When a business is under pressure it can be hard to see the wood from the trees. Taking a step back and viewing the situation objectively is doubly difficult if you have your own emotional and financial interests at stake. But objectivity is just what we need if we're to avoid quick fixes, false dawns and people who don't have our best interests at heart. So perhaps we should learn a few lessons from people for whom managing risk is a way of life.
Experienced poker players will tell you that long-term success has little to do with luck. Instead, it's all about maximising your gains and minimising your losses - and that requires a cool head. Players who lose are those who lock in their gains too early and panic when things are not going so well: they take riskier bets and the experienced players just wait and pounce. Herbert Yardley, in his classic "The Education of a Poker Player" (1957), calls these people 'suckers'. Sometimes they get lucky but most of the time they don't, and that's how professionals like Yardley make their money.
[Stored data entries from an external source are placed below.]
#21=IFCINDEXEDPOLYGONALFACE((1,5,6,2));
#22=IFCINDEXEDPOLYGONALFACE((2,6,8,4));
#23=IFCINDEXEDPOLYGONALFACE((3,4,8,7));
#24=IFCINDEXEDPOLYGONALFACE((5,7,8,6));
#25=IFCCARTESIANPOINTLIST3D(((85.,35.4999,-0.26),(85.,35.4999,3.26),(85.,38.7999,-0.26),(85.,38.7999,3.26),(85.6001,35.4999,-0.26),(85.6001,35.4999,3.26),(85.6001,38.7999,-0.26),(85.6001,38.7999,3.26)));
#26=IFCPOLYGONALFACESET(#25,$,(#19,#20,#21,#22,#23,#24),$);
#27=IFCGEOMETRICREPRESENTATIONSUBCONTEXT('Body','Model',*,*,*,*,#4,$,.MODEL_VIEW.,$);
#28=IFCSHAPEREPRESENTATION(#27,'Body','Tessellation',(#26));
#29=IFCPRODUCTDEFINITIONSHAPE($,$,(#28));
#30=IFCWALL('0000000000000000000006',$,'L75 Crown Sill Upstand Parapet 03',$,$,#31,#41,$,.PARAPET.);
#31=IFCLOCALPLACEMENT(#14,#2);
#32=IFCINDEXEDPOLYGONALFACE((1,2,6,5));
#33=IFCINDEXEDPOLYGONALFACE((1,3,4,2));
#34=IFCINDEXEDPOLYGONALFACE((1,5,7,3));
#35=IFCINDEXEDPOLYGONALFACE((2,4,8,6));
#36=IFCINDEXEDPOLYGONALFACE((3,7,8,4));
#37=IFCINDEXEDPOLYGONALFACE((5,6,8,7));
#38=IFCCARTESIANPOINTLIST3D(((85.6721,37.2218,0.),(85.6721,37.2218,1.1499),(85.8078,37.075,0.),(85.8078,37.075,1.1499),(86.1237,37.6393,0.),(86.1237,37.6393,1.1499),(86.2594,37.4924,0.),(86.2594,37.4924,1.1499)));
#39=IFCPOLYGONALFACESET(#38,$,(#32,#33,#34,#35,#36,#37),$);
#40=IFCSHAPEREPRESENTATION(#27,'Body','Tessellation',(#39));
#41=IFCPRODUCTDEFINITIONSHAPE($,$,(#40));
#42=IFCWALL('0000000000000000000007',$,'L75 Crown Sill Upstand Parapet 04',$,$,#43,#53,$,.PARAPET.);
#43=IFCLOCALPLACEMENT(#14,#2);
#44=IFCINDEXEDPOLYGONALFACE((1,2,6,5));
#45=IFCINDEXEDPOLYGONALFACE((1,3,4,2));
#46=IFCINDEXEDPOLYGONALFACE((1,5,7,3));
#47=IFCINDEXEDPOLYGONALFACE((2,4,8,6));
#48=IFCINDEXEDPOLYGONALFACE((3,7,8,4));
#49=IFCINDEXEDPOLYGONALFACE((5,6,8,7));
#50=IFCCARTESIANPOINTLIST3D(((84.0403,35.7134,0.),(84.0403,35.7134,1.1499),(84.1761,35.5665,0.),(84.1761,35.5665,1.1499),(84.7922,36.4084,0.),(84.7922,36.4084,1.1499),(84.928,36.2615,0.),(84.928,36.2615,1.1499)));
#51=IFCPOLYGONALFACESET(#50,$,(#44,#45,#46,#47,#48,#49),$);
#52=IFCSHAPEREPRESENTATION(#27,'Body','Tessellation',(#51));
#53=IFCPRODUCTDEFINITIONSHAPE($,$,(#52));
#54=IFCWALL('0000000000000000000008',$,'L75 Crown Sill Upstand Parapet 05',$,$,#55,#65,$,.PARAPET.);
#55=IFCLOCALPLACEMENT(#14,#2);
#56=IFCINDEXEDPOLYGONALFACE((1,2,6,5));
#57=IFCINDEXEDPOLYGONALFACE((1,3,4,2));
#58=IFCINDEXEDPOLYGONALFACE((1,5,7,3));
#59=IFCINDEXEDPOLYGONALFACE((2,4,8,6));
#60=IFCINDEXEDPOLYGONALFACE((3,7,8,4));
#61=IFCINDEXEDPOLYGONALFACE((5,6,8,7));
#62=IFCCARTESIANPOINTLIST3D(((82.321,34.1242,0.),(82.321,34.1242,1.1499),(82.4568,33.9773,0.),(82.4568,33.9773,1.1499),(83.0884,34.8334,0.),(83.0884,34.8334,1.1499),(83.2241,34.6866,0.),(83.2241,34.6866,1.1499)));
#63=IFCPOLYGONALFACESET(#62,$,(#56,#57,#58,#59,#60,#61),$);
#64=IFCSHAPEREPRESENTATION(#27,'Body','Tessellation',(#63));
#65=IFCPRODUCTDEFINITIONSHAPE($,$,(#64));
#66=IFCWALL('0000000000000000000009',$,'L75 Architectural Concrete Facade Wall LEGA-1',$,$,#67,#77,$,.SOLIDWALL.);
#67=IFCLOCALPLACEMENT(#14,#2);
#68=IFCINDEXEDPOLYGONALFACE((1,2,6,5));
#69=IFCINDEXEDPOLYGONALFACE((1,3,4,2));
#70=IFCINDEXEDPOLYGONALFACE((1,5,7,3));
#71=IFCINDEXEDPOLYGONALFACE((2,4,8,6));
To some extent this is true in business. We don't see any reason to change when things are going well (if it ain't broke, don't fix it) and it's only when things are going badly that we are forced to take risks. The old adage that crisis and opportunity are two sides of the same coin holds true and, like the poker player we might get lucky. But we ought to be aware that crises attract opportunists whose agenda is not the same as ours. Opportunists who want to take advantage of times of uncertainty, when our aversion to risk is lowered.
"Only a crisis – actual or perceived – produces real change. When that crisis occurs, the actions that are taken depend on the ideas that are lying around. That, I believe, is our basic function: to develop alternatives to existing policies, to keep them alive and available until the politically impossible becomes politically inevitable" (Milton Friedman, Capitalism and Freedom, 1962).
This is, of course, far from the truth. Real, earth-shattering, paradigm-shifting changes like the motor car, the internet, the smart phone and others were in no way born of crisis. Many of the best opportunities are realised when we are not under pressure.
Successful businesses are those that have a more sophisticated attitude to risk. Like the experienced poker player they know that the time to take risks is when we are winning, when we can actually afford to take a hit now and then.
All of which is of little comfort to those who are feeling the pinch and are faced with the choice of cashing in early, minimising their gains, or risking maximising their losses by 'betting the farm'. It's like telling someone who's lost 'well you shouldn't have started from here'.
But since we are where we are, what is to be done?
First of all, in the words of The Hitchhikers Guide, don't panic! Most of us don't need to clutch at straws. If a decision needs to be made quickly there is a temptation to make it immediately just to be seen to be dynamic but in fact that squanders whatever time was available for considered thinking. There is plenty of evidence that decisions made under pressure are likely to be sub-optimal or just plain wrong.
So we should fall back on the basics; SWOT analyses, innovation audits and so on. Ask the basic questions 'what can we do better? and 'what can we do differently?' Look for the opportunities, calculate the risks and make measured decisions rather than relying on 'intuition'. As the scientist Carl Sagan used to say, 'I try not to think with my gut'.